Facts about Devon
The term “Devon” is normally used for everyday purposes, e.g. “Devon County Council” but “Devonshire” continues to be used in the names of the “Devonshire and Dorset Regiment” (until 2007) and “The Devonshire Association”. One erroneous theory is that the “shire” suffix is due to a mistake in the making of the original letters patent for the Duke of Devonshire, resident in Derbyshire. However, there are references to “Defenascire” in Anglo-Saxon texts from before 1000 AD, which translates to modern English as “Devonshire”.
Kents Cavern in Torquay had produced human remains from 30 to 40,000 years ago. Dartmoor is thought to have been occupied by Mesolithic hunter-gatherer peoples from about 6000 BC. The Romans held the area under military occupation for around 350 years. Later, the area began to experience Saxon incursions from the east around 600 AD, firstly as small bands of settlers along the coasts of Lyme Bay and southern estuaries and later as more organised bands pushing in from the east.
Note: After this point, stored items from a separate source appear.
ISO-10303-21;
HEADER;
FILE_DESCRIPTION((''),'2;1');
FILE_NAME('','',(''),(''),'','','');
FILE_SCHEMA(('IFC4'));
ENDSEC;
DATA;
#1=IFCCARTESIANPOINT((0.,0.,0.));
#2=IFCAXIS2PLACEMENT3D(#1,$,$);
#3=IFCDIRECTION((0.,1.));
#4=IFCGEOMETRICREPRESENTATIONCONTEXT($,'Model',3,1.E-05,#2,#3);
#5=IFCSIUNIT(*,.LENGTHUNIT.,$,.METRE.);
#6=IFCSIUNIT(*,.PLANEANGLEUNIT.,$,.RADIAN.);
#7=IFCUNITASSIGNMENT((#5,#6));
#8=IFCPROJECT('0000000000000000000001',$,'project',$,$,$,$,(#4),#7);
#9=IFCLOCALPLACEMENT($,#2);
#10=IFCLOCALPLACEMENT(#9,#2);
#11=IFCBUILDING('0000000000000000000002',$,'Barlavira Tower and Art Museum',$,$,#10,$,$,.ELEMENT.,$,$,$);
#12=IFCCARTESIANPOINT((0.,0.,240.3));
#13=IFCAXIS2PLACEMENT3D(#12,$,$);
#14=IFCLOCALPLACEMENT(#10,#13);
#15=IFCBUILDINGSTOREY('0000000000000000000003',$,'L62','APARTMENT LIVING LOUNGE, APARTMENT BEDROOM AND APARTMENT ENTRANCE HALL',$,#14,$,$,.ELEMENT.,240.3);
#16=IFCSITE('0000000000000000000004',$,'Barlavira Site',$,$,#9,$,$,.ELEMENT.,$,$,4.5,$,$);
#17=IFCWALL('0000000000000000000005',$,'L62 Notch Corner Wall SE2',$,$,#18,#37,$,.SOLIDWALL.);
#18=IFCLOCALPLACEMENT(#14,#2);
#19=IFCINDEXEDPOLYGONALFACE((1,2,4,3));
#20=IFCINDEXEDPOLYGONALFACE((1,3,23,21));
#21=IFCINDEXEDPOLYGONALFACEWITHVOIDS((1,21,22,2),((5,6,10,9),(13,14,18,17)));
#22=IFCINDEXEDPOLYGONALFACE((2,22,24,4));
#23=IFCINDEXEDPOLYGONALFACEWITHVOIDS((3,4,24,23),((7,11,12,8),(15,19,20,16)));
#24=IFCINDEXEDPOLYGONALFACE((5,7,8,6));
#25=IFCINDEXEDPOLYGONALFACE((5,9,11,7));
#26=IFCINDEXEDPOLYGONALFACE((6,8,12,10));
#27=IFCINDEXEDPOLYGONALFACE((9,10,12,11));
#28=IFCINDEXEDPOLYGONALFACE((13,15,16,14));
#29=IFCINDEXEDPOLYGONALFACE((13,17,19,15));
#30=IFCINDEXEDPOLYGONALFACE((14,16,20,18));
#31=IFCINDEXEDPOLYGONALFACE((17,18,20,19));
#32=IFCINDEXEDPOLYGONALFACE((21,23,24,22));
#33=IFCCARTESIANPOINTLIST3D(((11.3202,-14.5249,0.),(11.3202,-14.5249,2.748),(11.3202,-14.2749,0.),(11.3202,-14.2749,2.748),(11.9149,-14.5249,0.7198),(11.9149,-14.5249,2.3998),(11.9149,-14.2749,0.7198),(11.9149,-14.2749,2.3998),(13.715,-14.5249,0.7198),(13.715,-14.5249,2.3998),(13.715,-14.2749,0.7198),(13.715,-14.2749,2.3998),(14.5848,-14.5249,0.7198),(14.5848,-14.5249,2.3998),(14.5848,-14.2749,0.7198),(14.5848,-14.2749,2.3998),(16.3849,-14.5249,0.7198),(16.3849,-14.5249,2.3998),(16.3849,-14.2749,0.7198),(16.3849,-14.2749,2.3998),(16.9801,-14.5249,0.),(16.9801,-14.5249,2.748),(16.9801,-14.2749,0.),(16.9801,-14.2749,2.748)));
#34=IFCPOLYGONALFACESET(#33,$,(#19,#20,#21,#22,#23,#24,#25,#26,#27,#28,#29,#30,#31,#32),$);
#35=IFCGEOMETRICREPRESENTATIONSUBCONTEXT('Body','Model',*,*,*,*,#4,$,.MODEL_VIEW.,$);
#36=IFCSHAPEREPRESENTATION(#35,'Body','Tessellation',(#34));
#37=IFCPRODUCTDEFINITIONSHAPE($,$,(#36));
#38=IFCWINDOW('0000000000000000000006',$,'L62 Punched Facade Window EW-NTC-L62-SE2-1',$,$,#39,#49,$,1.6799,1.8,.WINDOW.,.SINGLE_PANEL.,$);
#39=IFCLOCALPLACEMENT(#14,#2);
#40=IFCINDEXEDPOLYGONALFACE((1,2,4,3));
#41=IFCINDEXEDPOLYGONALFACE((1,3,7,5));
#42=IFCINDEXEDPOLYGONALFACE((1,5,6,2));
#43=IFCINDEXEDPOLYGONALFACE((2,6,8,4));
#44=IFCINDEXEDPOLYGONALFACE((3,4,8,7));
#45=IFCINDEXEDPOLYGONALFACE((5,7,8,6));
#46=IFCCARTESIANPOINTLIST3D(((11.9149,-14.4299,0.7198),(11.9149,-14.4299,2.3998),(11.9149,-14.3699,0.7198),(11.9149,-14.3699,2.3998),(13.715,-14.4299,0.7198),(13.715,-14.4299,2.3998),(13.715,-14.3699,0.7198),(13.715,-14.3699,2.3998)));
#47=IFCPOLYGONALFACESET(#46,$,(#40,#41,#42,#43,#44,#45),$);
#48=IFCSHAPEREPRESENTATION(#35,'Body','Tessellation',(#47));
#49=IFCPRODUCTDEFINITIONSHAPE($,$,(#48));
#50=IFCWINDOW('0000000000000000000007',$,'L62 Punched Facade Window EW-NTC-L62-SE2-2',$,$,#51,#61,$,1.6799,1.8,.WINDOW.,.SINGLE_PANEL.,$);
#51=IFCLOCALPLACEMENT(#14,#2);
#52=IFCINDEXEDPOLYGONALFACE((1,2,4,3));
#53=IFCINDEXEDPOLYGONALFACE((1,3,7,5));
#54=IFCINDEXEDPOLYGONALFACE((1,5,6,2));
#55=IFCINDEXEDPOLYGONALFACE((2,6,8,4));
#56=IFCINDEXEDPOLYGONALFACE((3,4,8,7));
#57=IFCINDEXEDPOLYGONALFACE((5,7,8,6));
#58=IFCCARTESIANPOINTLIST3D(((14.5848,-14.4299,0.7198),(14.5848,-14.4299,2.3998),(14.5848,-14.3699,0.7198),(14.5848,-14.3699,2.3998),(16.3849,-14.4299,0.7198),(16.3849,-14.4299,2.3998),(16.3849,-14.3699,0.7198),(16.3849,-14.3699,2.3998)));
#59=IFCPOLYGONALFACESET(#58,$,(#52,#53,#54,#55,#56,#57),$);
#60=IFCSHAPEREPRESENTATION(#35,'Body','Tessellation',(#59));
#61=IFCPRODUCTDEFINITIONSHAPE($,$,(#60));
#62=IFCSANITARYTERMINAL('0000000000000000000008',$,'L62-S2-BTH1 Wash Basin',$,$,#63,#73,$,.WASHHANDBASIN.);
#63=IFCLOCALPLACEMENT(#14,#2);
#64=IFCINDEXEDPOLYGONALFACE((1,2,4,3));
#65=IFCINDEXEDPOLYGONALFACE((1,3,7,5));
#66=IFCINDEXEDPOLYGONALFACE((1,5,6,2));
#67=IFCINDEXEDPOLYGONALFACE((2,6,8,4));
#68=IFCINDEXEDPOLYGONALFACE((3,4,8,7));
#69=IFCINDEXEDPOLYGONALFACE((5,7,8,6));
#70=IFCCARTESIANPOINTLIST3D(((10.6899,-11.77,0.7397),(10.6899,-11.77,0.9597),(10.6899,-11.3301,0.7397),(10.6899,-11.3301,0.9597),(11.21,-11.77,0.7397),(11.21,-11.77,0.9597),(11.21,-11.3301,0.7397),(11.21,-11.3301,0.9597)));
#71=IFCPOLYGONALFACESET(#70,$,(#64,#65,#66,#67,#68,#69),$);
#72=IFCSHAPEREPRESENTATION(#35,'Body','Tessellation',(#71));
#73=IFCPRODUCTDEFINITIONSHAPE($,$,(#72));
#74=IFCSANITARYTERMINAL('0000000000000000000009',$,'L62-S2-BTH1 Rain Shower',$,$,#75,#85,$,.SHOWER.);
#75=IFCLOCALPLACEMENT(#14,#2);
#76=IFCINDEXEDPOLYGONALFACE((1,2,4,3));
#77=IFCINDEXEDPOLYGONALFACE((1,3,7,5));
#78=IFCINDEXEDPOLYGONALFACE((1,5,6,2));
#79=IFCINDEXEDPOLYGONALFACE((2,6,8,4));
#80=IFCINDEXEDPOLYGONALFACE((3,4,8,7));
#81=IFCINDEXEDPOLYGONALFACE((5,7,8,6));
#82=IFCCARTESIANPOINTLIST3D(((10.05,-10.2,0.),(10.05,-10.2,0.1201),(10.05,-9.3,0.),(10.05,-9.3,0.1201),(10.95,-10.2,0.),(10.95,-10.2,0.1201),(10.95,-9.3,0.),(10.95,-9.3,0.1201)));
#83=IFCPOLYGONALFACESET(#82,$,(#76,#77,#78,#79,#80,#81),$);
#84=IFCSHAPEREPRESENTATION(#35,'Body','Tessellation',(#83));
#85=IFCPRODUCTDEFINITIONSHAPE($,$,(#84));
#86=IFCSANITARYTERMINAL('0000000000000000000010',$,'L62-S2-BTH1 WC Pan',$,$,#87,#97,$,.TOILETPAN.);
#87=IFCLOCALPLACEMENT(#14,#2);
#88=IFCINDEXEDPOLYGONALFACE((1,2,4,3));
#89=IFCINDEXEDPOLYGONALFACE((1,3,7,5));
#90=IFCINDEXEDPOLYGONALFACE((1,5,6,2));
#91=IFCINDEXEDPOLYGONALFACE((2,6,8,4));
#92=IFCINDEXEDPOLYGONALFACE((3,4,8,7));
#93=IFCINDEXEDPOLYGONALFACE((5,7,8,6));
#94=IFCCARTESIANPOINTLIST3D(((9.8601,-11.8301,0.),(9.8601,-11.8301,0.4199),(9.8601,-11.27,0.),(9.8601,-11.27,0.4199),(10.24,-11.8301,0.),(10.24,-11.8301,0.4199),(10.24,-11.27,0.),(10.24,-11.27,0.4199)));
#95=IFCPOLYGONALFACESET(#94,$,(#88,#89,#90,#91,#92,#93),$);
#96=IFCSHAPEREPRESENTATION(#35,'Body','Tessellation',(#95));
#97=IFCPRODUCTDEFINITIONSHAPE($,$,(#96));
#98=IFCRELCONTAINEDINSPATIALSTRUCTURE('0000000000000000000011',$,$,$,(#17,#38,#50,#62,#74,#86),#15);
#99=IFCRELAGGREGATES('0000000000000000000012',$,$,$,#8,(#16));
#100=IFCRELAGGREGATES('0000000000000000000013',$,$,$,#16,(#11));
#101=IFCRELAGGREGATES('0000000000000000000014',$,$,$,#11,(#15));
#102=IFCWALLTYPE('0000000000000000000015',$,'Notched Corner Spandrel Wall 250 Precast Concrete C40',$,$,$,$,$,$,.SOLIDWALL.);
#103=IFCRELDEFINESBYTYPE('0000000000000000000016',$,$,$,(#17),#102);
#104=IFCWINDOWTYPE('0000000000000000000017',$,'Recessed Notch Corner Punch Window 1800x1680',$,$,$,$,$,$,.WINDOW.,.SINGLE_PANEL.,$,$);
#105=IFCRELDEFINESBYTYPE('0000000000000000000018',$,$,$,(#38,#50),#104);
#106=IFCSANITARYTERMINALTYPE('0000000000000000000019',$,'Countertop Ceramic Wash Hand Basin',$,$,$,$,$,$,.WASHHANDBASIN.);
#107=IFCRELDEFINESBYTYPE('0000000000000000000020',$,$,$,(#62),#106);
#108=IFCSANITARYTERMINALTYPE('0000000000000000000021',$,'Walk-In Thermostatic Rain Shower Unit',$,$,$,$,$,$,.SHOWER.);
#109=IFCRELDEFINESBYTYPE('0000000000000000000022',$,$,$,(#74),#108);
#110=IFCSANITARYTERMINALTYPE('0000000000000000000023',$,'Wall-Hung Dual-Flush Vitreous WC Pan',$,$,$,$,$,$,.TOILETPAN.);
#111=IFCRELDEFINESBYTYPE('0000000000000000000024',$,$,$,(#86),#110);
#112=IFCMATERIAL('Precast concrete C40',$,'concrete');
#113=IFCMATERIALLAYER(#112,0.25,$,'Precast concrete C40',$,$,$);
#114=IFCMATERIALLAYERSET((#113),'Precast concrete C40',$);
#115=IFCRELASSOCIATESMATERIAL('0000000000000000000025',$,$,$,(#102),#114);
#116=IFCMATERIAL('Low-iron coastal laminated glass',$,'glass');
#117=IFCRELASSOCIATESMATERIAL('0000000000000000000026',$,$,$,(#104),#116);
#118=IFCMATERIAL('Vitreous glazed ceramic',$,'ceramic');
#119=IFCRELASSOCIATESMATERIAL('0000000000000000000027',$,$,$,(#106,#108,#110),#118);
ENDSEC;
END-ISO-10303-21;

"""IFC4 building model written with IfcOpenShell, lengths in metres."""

from ifc_helpers import new_model, si_unit, direction, frame, frame_2d, origin, origin_2d, place, context, subcontext, project, spatial, rectangle, extrude, material, layer, layer_set, type_object, element, fill, save


model = new_model("IFC4")

# Units and contexts
model_context = context("Model", 3, precision=1e-05, world=origin(), true_north=direction((0.0, 1.0)))
body_context = subcontext(model_context, "Body", "Model", "MODEL_VIEW")
ifc_project = project(units=[si_unit("LENGTHUNIT", "METRE"), si_unit("PLANEANGLEUNIT", "RADIAN")], contexts=[model_context])

# Site, building, storey
site_placement = place(None, origin())
site = spatial("IfcSite", under=ifc_project, at=site_placement, Name="Barlavira Site", CompositionType="ELEMENT", RefElevation=4.5)
building_placement = place(site_placement, origin())
building = spatial("IfcBuilding", under=site, at=building_placement, Name="Barlavira Tower and Art Museum", CompositionType="ELEMENT")
storey_placement = place(building_placement, frame((0.0, 0.0, 240.3)))
storey = spatial("IfcBuildingStorey", under=building, at=storey_placement, Name="L62", Description="APARTMENT LIVING LOUNGE, APARTMENT BEDROOM AND APARTMENT ENTRANCE HALL", CompositionType="ELEMENT", Elevation=240.3)

# Shared definitions
ifc_material_1 = material(Name="Precast concrete C40", Category="concrete")
ifc_layer_1 = layer(ifc_material_1, 0.25, Name="Precast concrete C40")
ifc_layer_set_1 = layer_set([ifc_layer_1], Name="Precast concrete C40")
wall_type_1 = type_object("IfcWallType", Name="Notched Corner Spandrel Wall 250 Precast Concrete C40", PredefinedType="SOLIDWALL", material=ifc_layer_set_1)

# Shared definitions
ifc_material_2 = material(Name="Low-iron coastal laminated glass", Category="glass")
window_type = type_object("IfcWindowType", Name="Recessed Notch Corner Punch Window 1800x1680", PartitioningType="SINGLE_PANEL", PredefinedType="WINDOW", material=ifc_material_2)

# Wall, openings, windows
wall_1_placement = place(storey_placement, frame((11.3201, -14.3999, 0.0), z_axis=(0.0, 0.0, 1.0), x_axis=(1.0, 0.0, 0.0)))
wall_1 = element("IfcWall", 1, at=wall_1_placement, inside=storey, type_object=wall_type_1, Name="L62 Notch Corner Wall SE2", PredefinedType="SOLIDWALL", context=body_context, shape_type="SweptSolid", body=[
    extrude(rectangle(XDim=5.6599, YDim=0.25, at=frame_2d((2.8301, 0.0))), origin(), (0.0, 0.0, 1.0), 2.748),
])
opening_1_placement = place(wall_1_placement, frame((0.595, 0.0, 0.72)))
opening_1 = element("IfcOpeningElement", 2, at=opening_1_placement, cuts=wall_1, PredefinedType="OPENING", context=body_context, shape_type="SweptSolid", body=[
    extrude(rectangle(XDim=1.8, YDim=1.6799, at=frame_2d((0.8999, 0.8398))), frame((0.0, 0.135, 0.0), z_axis=(0.0, -1.0, 0.0), x_axis=(1.0, 0.0, 0.0)), (0.0, 0.0, 1.0), 0.27),
])
opening_2_placement = place(wall_1_placement, frame((3.2649, 0.0, 0.72)))
opening_2 = element("IfcOpeningElement", 3, at=opening_2_placement, cuts=wall_1, PredefinedType="OPENING", context=body_context, shape_type="SweptSolid", body=[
Devon is a county of England, reaching from the Bristol Channel in the north to the English Channel in the south. It is part of South West England, bounded by Cornwall to the west, Somerset to the north-east and Dorset to the east. The city of Exeter is the county town. The county includes the districts of East Devon, Mid Devon, North Devon, South Hams, Teignbridge, Torridge and West Devon.
During the British Iron Age, Roman Britain and the early Middle Ages, this was the homeland of the Dumnonii Brittonic Celts. The Anglo-Saxon settlement of Britain resulted in the partial assimilation of Dumnonia into the Kingdom of Wessex during the eighth and ninth centuries. The western boundary with Cornwall was set at the River Tamar by King Æthelstan in 936. Devon was later constituted as a shire of the Kingdom of England.